For the most control when training, it is possible to define your own training engine which handles the forward and backward pass. This is for those familiar with deep learning techniques and pytorch and therefore will offer less explanation than before.
:::{note}
For consistency with previous tutorials, we recommend not changing the names of any keyword arguments.
:::


## Imports

In [None]:
import os.path
import numpy as np
import skimage.io as io
import skoots.train.loss
from skoots.train.utils import sum_loss, show_box_pred
from skoots.train.sigma import Sigma
from skoots.lib.vector_to_embedding import vector_to_embedding
from skoots.lib.embedding_to_prob import baked_embed_to_prob

from skoots.train.utils import mask_overlay, write_progress

from typing import List, Tuple, Callable, Union, OrderedDict, Optional
import torch
import torch.nn as nn
from torch import Tensor
from torchvision.models.detection import FasterRCNN

from torch.optim import Optimizer
from torch.utils.data import DataLoader, Dataset
from tqdm import trange
from torch.cuda.amp import GradScaler, autocast
from statistics import mean
from torchvision.utils import flow_to_image, draw_keypoints, make_grid
import matplotlib.pyplot as plt
import torch.optim.swa_utils
Dataset = Union[Dataset, DataLoader]

## Function Definition and Keyword Arguments
For a detailed understanding of each keyword argumetn, see the detailed training guide. These parameters should ideally be passed via a kwarg dict.

In [None]:
def engine(
        model: nn.Module,
        lr: float,
        wd: float,
        vector_scale: Tuple[int, int, int],
        epochs: int,
        optimizer: Optimizer,
        scheduler,
        sigma: Sigma,
        loss_embed,
        loss_prob,
        loss_skele,
        device: str,
        savepath: str,
        train_data: Dataset,
        rank: int,
        val_data: Optional[Dataset] = None,
        train_sampler=None,
        test_sampler=None,
        writer=None,
        verbose=False,
        distributed=True,
        mixed_precision=False,
        n_warmup: int = 100,
        force=False,
        **kwargs,
) -> Tuple[OrderedDict, OrderedDict, List[float]]:
    pass

## Initalization
Here we initalize the optimizer, scheduler, and grade scaler for automatic mixed preciions.

In [None]:
optimizer = optimizer(model.parameters(), lr=lr, weight_decay=wd)
scheduler = scheduler(optimizer)
scaler = GradScaler(enabled=mixed_precision)

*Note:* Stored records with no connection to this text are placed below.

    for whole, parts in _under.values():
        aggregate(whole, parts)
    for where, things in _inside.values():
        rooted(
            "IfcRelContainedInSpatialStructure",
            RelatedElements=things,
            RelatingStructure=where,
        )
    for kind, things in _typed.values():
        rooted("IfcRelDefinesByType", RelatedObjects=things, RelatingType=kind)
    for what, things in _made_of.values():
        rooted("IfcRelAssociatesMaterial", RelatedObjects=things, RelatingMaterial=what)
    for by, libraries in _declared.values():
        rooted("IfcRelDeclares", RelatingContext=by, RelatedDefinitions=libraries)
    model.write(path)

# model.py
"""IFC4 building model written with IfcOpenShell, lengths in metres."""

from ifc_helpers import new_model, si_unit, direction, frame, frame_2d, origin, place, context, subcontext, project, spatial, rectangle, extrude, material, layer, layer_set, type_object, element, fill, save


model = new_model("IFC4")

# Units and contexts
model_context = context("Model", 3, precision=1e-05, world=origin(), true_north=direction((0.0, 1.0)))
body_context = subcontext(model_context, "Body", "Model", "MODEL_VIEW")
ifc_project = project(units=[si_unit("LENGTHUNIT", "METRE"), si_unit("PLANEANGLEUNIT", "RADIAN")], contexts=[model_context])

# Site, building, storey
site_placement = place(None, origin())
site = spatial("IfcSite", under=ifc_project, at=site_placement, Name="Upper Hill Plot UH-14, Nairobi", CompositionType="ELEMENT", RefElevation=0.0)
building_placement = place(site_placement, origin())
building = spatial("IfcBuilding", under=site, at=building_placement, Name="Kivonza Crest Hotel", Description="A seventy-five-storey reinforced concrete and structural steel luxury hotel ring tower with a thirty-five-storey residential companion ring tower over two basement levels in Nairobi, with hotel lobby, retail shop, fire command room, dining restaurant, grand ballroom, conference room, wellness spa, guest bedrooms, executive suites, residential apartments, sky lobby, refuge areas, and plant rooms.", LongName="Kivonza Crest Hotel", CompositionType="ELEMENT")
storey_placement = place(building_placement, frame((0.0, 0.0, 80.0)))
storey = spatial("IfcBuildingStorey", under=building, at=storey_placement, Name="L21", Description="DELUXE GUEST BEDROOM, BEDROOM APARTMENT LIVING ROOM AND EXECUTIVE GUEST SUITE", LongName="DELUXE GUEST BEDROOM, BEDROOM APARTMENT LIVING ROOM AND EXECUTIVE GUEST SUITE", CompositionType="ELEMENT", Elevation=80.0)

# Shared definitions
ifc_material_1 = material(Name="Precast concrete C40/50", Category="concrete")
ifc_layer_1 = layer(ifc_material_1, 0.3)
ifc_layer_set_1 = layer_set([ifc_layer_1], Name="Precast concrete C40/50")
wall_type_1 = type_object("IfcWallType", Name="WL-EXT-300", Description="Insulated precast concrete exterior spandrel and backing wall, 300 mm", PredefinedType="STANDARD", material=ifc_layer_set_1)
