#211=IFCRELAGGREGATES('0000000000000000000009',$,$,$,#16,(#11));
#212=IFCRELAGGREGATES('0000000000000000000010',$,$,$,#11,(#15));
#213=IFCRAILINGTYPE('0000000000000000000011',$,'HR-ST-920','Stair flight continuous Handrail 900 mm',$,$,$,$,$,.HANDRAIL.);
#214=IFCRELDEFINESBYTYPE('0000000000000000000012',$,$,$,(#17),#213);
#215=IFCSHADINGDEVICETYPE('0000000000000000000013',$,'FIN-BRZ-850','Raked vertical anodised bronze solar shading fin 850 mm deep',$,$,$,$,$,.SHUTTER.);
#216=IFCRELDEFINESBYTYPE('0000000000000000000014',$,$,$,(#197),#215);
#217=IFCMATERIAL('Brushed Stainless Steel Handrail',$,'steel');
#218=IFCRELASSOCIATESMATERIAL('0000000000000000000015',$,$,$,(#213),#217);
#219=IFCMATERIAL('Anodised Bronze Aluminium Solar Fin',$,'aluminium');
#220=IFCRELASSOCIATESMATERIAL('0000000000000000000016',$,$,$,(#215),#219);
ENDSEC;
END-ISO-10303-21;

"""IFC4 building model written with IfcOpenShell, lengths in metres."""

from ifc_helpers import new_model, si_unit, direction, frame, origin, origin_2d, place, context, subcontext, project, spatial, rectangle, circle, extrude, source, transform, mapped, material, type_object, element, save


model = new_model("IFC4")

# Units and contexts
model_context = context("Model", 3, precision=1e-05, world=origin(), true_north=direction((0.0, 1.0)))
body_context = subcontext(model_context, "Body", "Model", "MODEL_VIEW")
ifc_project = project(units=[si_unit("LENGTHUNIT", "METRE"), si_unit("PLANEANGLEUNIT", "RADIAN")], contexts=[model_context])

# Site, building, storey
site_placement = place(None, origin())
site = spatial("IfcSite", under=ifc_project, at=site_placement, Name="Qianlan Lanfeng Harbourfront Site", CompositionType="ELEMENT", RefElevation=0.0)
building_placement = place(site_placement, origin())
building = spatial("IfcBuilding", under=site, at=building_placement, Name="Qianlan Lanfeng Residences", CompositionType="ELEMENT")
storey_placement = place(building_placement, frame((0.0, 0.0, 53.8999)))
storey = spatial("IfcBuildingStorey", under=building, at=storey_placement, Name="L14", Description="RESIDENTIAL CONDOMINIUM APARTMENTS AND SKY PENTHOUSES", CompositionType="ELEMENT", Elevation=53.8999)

vector_scale = vector_scale.to(device)

## Stochastic Weight Averaging
We may want to use Stochastic Weight Averaging to improve generalizability of the model. I am not convinced it does much however.

In [None]:
swa_model = torch.optim.swa_utils.AveragedModel(model)
swa_start = 100
swa_scheduler = torch.optim.swa_utils.SWALR(optimizer, swa_lr=0.05)

## Saving the Loss
We can save the loss values of all training and validation outputs for writing to tensorboard later. This is optional, and only if you want logging.

In [None]:
# Save each loss value in a list...
avg_epoch_loss = []
avg_epoch_embed_loss = []
avg_epoch_prob_loss = []
avg_epoch_skele_loss = []

avg_val_loss = []
avg_val_embed_loss = []
avg_val_prob_loss = []
avg_val_skele_loss = []

## Warmup
This is critical and worth more discussion. These models are incredibly hard to train from scratch. It is therefore usefull to over-train a model on one input which warms up the weights, and makes the model better positioned for general training. To do this, we do a mini version of our actual training loop as outlined below. The API reference for training can be found in the 'API Flow Guide` section of the documentation.

In [None]:
# Warmup... Get the first from train_data
for images, masks, skeleton, skele_masks, baked in train_data:
    pass

warmup_range = trange(n_warmup, desc='Warmup: {}')
for w in warmup_range:
    optimizer.zero_grad(set_to_none=True)

    with autocast(enabled=mixed_precision):  # Saves Memory!
        out: Tensor = model(images)

        # break the singular model output tensor into its respective components
        probability_map: Tensor = out[:, [-1], ...]
        vector: Tensor = out[:, 0:3:1, ...]
        predicted_skeleton: Tensor = out[:, [-2], ...]

        embedding: Tensor = vector_to_embedding(vector_scale, vector)
        out: Tensor = baked_embed_to_prob(embedding, baked, sigma(0))

        # Loss functions are nn.Modules which have their own forward pass.
        _loss_embed = loss_embed(out, masks.gt(0).float())  # out = [B, 2/3, X, Y, Z?]
        _loss_prob = loss_prob(probability_map, masks.gt(0).float())
        _loss_skeleton = loss_skele(predicted_skeleton, skele_masks.gt(
            0).float())

        # We may want to weight one loss more than another. Therefore we can multiply by a set amount. 1-1-1 is usually good though.
        loss = _loss_embed + (1 * _loss_prob) + (1 * _loss_skeleton)

        warmup_range.desc = f'{loss.item()}'

    scaler.scale(loss).backward()
    scaler.step(optimizer)
    scaler.update()

## Model Outputs to Loss
It is worth discussing how we go from the embedding vectors, which lie between 1 and 1, to the embedding loss. Our vectors $V$ for dimension $l$ at locations $ijk$ must be scaled by our vector scaling parameter $\Gamma$ for dimension $l$. Formally: $V_{l}^{ijk} = V_l^{ijk} + \Gamma_{l}$ for $l \in [x, y, z]$.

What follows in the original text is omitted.